If your loved one opens up, make sure they know you are listening and hearing what they say. If they tell you they like their bed, for example, ask if they like slipping into the covers when the bed is freshly made. You might even say that’s something you enjoy. Your reflections might land on another question: “What do you think you might do?” If their answer naturally glides toward action and you’re up to it, you can make a gentle offer, “It sounds like you’re inspired to do some cleaning up. Is there a way I might help you get started, or do you prefer that I leave you to it?” 

Allow time for rest 

Be sure to honor the stamina of your loved one for having a meaningful conversation. Remember that by asking questions you are helping them access their brain’s frontal cortex— the part of the brain that solves problems and makes plans. The brain uses about 20 percent of the body’s calories. The frontal cortex is the biggest calorie guzzler, so it’s tiring to hang out in deep conversation or thinking.   

Through thoughtful discussions, over time, you may be able to help your loved one see that help/medication/treatment is a road they might explore. Help them draw their own conclusions about how that choice might connect to what they want more of (i.e. money, their own car or apartment, a relationship, etc.). Always keep in mind that change starts where they want to be, not where you want them to be. 

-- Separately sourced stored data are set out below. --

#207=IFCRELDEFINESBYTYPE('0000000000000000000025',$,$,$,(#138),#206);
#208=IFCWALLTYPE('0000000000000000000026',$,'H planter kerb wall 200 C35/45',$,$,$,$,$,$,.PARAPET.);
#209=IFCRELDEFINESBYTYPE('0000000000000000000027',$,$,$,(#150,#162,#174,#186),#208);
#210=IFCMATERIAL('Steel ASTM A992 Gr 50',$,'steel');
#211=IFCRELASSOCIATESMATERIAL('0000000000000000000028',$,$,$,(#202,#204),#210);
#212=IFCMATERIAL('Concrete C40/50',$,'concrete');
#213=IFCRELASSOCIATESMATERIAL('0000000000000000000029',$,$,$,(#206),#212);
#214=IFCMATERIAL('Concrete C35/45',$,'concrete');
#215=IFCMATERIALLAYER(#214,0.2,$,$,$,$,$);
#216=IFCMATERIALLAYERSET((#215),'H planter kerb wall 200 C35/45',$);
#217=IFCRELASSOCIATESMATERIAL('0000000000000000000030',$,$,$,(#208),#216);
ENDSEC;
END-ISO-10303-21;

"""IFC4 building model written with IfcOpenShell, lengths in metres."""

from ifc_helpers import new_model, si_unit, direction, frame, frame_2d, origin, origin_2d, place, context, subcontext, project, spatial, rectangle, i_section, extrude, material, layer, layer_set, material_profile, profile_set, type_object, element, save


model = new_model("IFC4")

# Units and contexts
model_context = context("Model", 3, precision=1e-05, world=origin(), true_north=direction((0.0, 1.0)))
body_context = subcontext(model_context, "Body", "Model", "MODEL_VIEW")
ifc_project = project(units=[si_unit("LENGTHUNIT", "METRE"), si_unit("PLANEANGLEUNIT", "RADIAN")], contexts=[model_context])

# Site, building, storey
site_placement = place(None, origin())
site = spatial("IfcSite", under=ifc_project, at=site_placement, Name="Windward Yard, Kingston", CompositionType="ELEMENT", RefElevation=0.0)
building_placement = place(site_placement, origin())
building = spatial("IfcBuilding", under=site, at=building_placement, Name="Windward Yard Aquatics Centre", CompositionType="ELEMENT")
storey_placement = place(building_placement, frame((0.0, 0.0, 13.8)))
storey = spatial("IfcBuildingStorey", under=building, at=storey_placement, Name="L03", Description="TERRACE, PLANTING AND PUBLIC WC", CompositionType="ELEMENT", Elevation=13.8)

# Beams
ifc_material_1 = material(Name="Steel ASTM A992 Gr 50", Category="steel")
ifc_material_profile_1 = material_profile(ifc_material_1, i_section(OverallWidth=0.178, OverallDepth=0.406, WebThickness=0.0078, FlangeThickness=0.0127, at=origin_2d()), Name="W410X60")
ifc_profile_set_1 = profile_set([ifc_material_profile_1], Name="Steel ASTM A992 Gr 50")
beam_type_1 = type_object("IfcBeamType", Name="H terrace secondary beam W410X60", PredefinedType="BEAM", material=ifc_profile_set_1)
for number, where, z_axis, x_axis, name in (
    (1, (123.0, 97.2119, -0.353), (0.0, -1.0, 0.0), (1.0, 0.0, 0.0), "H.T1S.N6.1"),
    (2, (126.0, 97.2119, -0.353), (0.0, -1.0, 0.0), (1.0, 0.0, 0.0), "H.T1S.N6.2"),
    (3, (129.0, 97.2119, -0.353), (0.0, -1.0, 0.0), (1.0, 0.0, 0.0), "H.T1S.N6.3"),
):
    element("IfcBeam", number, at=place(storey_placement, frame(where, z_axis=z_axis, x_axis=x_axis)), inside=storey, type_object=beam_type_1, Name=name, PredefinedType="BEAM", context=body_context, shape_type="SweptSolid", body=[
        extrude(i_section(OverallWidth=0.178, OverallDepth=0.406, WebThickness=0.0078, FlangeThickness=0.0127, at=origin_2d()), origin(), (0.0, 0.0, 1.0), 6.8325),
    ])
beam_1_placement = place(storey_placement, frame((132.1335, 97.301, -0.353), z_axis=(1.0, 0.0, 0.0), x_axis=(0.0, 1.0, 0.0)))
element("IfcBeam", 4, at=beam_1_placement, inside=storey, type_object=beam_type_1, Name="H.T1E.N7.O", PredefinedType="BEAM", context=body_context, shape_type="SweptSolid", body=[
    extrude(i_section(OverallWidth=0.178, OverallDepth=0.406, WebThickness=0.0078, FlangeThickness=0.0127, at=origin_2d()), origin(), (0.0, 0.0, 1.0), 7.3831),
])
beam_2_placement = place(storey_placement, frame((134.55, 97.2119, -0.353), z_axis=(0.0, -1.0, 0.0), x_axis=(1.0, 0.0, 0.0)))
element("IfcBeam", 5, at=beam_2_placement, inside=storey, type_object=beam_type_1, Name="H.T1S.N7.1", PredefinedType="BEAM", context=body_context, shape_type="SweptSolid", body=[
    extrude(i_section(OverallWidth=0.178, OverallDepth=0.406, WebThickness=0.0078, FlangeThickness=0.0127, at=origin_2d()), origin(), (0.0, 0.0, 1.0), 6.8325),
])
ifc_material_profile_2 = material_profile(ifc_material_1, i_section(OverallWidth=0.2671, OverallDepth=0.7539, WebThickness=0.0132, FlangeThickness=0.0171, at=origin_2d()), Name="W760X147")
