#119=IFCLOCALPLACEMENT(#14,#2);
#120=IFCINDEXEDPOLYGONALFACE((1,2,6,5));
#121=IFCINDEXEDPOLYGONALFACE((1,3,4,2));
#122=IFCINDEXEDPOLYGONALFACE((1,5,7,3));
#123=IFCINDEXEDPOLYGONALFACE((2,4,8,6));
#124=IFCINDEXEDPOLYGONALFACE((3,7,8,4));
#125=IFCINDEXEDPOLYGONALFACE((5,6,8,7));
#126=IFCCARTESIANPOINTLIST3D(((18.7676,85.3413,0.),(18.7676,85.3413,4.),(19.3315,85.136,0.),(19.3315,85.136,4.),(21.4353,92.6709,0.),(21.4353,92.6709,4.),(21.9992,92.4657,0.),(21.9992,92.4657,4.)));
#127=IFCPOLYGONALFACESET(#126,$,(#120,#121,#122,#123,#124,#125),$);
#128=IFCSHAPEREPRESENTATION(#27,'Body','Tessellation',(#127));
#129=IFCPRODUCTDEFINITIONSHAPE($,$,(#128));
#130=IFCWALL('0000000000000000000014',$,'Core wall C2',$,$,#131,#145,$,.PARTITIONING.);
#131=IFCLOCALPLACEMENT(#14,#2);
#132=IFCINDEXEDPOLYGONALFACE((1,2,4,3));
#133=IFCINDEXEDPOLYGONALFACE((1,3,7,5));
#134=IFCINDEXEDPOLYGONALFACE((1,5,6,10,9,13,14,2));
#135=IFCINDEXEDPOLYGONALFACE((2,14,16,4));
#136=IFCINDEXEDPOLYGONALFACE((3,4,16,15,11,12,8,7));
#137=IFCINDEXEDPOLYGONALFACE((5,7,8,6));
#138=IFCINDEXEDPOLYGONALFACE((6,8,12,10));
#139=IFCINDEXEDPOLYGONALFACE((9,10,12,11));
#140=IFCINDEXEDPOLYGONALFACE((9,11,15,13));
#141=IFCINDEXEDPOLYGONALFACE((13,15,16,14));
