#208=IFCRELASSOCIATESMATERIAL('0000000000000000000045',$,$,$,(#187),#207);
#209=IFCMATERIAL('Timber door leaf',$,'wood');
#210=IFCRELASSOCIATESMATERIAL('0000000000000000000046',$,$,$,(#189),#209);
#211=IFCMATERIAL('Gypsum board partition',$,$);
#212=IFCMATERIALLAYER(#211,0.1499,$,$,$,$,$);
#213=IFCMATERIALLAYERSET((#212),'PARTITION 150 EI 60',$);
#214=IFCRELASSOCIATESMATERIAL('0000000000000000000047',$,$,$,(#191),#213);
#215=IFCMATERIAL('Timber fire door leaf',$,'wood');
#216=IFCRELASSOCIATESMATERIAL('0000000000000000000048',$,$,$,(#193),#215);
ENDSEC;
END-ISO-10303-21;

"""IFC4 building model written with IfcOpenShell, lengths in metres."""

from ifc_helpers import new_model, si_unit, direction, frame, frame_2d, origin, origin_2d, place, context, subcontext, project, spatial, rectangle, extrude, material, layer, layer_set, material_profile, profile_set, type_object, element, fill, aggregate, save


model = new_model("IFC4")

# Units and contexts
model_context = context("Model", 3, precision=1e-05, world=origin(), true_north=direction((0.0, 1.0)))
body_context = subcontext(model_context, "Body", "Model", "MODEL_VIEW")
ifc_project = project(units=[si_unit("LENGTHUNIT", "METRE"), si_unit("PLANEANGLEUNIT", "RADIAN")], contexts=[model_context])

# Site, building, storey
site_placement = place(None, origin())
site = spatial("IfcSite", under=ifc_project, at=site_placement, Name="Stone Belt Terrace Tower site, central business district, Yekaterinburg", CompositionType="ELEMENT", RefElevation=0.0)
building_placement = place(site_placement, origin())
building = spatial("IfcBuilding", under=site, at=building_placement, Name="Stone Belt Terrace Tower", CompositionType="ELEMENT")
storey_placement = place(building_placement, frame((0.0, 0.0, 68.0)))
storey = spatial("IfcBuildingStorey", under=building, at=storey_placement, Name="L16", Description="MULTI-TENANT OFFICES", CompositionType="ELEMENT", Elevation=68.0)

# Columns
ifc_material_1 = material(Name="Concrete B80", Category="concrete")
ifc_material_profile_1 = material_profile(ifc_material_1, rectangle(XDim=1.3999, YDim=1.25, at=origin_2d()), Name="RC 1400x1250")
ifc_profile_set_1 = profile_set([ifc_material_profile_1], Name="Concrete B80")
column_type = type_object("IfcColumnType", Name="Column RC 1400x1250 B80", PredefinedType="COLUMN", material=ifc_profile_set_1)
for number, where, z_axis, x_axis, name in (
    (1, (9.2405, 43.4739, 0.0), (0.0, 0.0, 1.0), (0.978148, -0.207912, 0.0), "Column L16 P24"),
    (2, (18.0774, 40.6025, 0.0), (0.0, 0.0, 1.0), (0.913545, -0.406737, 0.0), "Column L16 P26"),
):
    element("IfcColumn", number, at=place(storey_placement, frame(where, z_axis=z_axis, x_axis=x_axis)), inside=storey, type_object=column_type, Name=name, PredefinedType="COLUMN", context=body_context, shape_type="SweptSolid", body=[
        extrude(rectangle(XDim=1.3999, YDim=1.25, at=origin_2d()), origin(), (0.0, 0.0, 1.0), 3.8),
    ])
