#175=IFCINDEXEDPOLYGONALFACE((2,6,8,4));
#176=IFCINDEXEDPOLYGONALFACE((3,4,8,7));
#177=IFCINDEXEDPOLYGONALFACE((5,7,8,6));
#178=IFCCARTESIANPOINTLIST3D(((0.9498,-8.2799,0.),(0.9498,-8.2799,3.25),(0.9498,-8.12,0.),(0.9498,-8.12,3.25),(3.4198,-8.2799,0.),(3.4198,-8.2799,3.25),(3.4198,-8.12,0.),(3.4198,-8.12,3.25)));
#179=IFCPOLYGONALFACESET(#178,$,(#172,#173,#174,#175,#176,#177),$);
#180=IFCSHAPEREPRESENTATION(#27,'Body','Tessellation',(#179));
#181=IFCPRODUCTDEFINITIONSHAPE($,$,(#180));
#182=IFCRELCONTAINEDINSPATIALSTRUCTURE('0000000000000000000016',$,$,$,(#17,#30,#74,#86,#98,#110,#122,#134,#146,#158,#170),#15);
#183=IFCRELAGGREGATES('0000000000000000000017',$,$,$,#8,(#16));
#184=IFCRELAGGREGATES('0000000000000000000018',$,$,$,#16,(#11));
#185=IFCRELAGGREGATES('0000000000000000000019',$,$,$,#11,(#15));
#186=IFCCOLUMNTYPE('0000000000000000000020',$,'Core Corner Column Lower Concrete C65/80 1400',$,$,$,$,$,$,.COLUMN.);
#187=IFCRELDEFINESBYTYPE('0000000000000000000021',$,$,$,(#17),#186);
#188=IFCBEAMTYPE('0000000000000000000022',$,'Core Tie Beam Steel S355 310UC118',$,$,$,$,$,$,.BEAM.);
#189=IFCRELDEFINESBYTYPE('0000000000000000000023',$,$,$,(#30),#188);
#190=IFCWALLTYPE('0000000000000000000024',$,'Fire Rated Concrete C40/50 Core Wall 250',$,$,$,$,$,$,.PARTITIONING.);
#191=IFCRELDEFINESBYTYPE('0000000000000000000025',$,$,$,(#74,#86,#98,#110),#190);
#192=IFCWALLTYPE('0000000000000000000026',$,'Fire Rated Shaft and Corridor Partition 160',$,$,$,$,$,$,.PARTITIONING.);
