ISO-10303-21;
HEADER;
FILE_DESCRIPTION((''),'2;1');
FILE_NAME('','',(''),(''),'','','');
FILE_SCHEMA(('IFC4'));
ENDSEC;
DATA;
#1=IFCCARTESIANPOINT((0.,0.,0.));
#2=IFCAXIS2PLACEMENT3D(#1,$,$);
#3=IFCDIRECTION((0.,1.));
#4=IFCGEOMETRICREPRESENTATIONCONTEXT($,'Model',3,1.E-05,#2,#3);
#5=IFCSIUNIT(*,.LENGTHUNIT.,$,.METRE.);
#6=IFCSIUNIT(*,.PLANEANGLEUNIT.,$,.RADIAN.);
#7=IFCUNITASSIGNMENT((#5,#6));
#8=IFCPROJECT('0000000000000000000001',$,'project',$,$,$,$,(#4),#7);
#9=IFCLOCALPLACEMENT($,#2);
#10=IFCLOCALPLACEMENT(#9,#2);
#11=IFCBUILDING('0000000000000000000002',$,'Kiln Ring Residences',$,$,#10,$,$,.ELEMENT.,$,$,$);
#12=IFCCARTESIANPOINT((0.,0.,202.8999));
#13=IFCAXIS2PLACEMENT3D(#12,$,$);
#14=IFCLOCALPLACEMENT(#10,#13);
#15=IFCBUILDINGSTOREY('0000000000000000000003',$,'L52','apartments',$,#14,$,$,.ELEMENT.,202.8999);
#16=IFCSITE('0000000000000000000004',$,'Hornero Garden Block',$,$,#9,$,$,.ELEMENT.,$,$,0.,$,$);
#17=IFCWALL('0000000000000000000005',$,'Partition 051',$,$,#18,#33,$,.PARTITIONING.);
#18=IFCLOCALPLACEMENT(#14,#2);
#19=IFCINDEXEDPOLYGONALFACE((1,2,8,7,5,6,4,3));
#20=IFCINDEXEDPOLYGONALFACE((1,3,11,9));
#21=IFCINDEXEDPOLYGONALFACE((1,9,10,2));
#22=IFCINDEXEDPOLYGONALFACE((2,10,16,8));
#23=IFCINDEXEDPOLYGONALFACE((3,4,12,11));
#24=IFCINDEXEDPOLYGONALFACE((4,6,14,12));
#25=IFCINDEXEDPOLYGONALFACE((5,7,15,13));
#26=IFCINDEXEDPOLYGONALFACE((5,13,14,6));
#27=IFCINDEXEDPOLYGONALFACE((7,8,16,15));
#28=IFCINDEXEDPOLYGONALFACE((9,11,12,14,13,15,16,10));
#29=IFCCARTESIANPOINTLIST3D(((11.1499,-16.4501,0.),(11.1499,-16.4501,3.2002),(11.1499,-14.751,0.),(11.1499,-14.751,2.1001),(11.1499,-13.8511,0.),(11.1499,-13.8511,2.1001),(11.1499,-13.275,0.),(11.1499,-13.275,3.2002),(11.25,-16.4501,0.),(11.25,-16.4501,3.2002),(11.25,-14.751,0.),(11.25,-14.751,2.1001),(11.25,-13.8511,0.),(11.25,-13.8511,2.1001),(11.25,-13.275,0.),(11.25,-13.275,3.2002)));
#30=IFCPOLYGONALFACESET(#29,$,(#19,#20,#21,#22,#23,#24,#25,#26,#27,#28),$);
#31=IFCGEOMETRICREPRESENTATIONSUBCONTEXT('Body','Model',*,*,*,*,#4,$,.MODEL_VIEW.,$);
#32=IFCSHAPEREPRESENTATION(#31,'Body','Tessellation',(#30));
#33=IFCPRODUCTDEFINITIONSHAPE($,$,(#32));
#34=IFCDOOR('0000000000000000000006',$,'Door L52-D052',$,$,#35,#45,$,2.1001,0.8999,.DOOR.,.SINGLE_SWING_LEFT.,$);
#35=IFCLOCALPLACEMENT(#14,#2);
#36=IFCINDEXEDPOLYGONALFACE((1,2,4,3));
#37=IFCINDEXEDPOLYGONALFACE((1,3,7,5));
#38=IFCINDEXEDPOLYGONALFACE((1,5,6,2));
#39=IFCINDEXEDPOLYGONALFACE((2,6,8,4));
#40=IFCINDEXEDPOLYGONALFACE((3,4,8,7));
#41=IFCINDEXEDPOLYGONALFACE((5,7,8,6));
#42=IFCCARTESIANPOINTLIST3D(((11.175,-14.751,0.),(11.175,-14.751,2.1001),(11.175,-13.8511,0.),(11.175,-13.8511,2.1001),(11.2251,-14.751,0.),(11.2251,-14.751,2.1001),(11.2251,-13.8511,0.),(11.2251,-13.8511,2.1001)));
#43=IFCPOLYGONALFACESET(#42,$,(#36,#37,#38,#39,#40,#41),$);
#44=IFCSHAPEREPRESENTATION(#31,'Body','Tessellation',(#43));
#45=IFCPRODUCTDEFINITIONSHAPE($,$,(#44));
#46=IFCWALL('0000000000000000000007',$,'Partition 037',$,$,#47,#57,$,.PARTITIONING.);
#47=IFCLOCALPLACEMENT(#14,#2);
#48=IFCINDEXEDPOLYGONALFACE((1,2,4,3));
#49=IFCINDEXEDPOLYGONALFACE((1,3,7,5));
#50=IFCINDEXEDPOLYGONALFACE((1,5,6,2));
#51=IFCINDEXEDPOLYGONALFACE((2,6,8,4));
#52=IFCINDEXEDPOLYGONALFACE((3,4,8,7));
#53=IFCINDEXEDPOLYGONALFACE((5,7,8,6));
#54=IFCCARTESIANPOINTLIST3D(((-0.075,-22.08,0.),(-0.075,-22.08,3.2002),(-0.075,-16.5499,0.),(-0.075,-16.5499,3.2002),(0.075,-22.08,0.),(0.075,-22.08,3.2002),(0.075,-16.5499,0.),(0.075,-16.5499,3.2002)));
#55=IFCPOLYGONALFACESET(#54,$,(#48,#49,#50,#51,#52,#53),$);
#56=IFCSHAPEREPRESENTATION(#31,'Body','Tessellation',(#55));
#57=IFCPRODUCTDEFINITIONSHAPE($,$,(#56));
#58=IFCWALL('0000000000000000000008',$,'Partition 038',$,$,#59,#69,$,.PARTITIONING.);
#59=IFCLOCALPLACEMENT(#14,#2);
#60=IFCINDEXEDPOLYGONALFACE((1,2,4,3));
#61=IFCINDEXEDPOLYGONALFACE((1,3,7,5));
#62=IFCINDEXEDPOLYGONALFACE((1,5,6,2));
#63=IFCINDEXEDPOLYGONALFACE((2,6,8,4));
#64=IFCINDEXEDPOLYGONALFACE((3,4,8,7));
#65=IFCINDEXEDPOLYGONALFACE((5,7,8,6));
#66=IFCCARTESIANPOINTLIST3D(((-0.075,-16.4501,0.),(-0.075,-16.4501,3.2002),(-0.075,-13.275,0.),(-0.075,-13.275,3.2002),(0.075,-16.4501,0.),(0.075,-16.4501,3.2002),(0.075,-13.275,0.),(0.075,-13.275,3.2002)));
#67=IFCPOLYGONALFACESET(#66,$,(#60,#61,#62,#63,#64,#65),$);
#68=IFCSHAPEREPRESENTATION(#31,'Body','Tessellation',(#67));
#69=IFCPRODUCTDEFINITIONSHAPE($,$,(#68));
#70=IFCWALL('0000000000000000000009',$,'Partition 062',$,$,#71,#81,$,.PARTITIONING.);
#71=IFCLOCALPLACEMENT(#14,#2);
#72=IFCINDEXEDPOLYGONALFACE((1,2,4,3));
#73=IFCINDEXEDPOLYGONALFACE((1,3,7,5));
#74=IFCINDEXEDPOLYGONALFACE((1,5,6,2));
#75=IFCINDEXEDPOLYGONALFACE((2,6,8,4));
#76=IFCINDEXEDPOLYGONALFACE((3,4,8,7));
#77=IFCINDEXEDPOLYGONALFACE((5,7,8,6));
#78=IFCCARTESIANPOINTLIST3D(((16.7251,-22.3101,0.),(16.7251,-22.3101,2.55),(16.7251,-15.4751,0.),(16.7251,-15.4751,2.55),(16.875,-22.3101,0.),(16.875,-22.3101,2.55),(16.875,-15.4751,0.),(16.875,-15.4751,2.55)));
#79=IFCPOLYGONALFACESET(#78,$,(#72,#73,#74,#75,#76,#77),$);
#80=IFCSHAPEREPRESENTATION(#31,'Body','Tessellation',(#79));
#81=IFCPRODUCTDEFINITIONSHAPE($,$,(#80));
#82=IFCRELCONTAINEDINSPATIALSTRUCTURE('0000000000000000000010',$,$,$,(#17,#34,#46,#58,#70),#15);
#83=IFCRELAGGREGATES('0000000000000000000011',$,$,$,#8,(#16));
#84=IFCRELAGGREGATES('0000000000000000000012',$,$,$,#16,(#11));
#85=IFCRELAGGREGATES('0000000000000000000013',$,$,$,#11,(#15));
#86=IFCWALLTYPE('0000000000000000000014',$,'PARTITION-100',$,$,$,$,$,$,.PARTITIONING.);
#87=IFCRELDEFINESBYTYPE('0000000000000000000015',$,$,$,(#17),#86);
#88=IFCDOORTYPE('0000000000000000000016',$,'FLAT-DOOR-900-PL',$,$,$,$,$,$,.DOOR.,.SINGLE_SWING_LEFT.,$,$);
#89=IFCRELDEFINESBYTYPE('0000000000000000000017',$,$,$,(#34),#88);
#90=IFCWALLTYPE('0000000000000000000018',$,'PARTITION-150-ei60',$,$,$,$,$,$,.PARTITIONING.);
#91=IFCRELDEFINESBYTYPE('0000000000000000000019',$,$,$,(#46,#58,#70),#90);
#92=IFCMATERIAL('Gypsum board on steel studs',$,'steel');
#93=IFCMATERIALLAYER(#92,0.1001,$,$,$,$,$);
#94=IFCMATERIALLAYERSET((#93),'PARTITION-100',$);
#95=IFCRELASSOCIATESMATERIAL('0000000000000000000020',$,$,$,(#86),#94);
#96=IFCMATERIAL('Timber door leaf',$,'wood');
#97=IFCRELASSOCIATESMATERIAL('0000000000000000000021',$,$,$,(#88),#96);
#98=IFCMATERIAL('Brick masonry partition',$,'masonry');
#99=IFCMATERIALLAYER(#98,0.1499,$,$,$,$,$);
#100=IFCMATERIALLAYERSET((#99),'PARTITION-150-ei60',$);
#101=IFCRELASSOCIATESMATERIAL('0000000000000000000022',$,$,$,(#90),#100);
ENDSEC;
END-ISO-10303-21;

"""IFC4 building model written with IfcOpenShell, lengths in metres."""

from ifc_helpers import new_model, si_unit, direction, frame, frame_2d, origin, place, context, subcontext, project, spatial, rectangle, extrude, material, layer, layer_set, type_object, element, fill, save


model = new_model("IFC4")

# Units and contexts
model_context = context("Model", 3, precision=1e-05, world=origin(), true_north=direction((0.0, 1.0)))
body_context = subcontext(model_context, "Body", "Model", "MODEL_VIEW")
ifc_project = project(units=[si_unit("LENGTHUNIT", "METRE"), si_unit("PLANEANGLEUNIT", "RADIAN")], contexts=[model_context])

# Site, building, storey
site_placement = place(None, origin())
site = spatial("IfcSite", under=ifc_project, at=site_placement, Name="Hornero Garden Block", CompositionType="ELEMENT", RefElevation=0.0)
building_placement = place(site_placement, origin())
building = spatial("IfcBuilding", under=site, at=building_placement, Name="Kiln Ring Residences", CompositionType="ELEMENT")
storey_placement = place(building_placement, frame((0.0, 0.0, 202.8999)))
storey = spatial("IfcBuildingStorey", under=building, at=storey_placement, Name="L52", Description="apartments", CompositionType="ELEMENT", Elevation=202.8999)

# Shared definitions
ifc_material_1 = material(Name="Gypsum board on steel studs", Category="steel")
ifc_layer_1 = layer(ifc_material_1, 0.1001)
ifc_layer_set_1 = layer_set([ifc_layer_1], Name="PARTITION-100")
wall_type_1 = type_object("IfcWallType", Name="PARTITION-100", PredefinedType="PARTITIONING", material=ifc_layer_set_1)
ifc_material_2 = material(Name="Timber door leaf", Category="wood")
door_type_1 = type_object("IfcDoorType", Name="FLAT-DOOR-900-PL", OperationType="SINGLE_SWING_LEFT", PredefinedType="DOOR", material=ifc_material_2)

# Wall, opening, door
wall_1_placement = place(storey_placement, frame((11.2, -16.45, 0.0), z_axis=(0.0, 0.0, 1.0), x_axis=(0.0, 1.0, 0.0)))
wall_1 = element("IfcWall", 1, at=wall_1_placement, inside=storey, type_object=wall_type_1, Name="Partition 051", PredefinedType="PARTITIONING", context=body_context, shape_type="SweptSolid", body=[
    extrude(rectangle(XDim=3.175, YDim=0.1001, at=frame_2d((1.5874, 0.0))), origin(), (0.0, 0.0, 1.0), 3.2002),
])
opening_1_placement = place(wall_1_placement, frame((1.699, 0.0, 0.0)))
opening_1 = element("IfcOpeningElement", 2, at=opening_1_placement, cuts=wall_1, PredefinedType="OPENING", context=body_context, shape_type="SweptSolid", body=[
    extrude(rectangle(XDim=0.8999, YDim=2.1001, at=frame_2d((0.45, 1.05))), frame((0.0, 0.0601, 0.0), z_axis=(0.0, -1.0, 0.0), x_axis=(1.0, 0.0, 0.0)), (0.0, 0.0, 1.0), 0.1201),
])
door_1_placement = place(opening_1_placement, origin())
door_1 = element("IfcDoor", 3, at=door_1_placement, inside=storey, type_object=door_type_1, Name="Door L52-D052", OperationType="SINGLE_SWING_LEFT", OverallHeight=2.1001, OverallWidth=0.8999, PredefinedType="DOOR", context=body_context, shape_type="SweptSolid", body=[
    extrude(rectangle(XDim=0.8999, YDim=2.1001, at=frame_2d((0.45, 1.05))), frame((0.0, 0.0249, 0.0), z_axis=(0.0, -1.0, 0.0), x_axis=(1.0, 0.0, 0.0)), (0.0, 0.0, 1.0), 0.05),
])
fill(opening_1, door_1)

# Walls
ifc_material_3 = material(Name="Brick masonry partition", Category="masonry")
ifc_layer_2 = layer(ifc_material_3, 0.1499)
ifc_layer_set_2 = layer_set([ifc_layer_2], Name="PARTITION-150-ei60")
wall_type_2 = type_object("IfcWallType", Name="PARTITION-150-ei60", PredefinedType="PARTITIONING", material=ifc_layer_set_2)
wall_2_placement = place(storey_placement, frame((0.0, -22.0801, 0.0), z_axis=(0.0, 0.0, 1.0), x_axis=(0.0, 1.0, 0.0)))
element("IfcWall", 4, at=wall_2_placement, inside=storey, type_object=wall_type_2, Name="Partition 037", PredefinedType="PARTITIONING", context=body_context, shape_type="SweptSolid", body=[
    extrude(rectangle(XDim=5.53, YDim=0.1499, at=frame_2d((2.7651, 0.0))), origin(), (0.0, 0.0, 1.0), 3.2002),
])
wall_3_placement = place(storey_placement, frame((0.0, -16.45, 0.0), z_axis=(0.0, 0.0, 1.0), x_axis=(0.0, 1.0, 0.0)))
element("IfcWall", 5, at=wall_3_placement, inside=storey, type_object=wall_type_2, Name="Partition 038", PredefinedType="PARTITIONING", context=body_context, shape_type="SweptSolid", body=[
    extrude(rectangle(XDim=3.175, YDim=0.1499, at=frame_2d((1.5874, 0.0))), origin(), (0.0, 0.0, 1.0), 3.2002),
])
wall_4_placement = place(storey_placement, frame((16.8, -22.3101, 0.0), z_axis=(0.0, 0.0, 1.0), x_axis=(0.0, 1.0, 0.0)))
element("IfcWall", 6, at=wall_4_placement, inside=storey, type_object=wall_type_2, Name="Partition 062", PredefinedType="PARTITIONING", context=body_context, shape_type="SweptSolid", body=[
    extrude(rectangle(XDim=6.835, YDim=0.1499, at=frame_2d((3.4175, 0.0))), origin(), (0.0, 0.0, 1.0), 2.55),
])

save(model, "model.ifc")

Resources for training and more information  

The ideas in this resource are not a prescription and offer just a flavor of how motivational interviewing can create more possibilities for helping someone make changes. Please refer to these professional resources for more information and training opportunities:  

  • LEAP Institute, founded by Dr. Xavier Amador, author of “I Am Not Sick. I Don’t Need Help!” (leapinstitute.org). 
  • Bob Krulish, nationally certified trainer, author of “When Screams Become Whispers,” and “The Ableing Shift” (theableingmovement.com).  
  • University of Washington Spirit Lab, Cognitive Behavioral Therapy for psychosis (CBTp) training for family caregivers (uwspiritlab.org). 
  • Motivational Interviewing Network of Trainers (MINT) (motivationalinterviewing.org).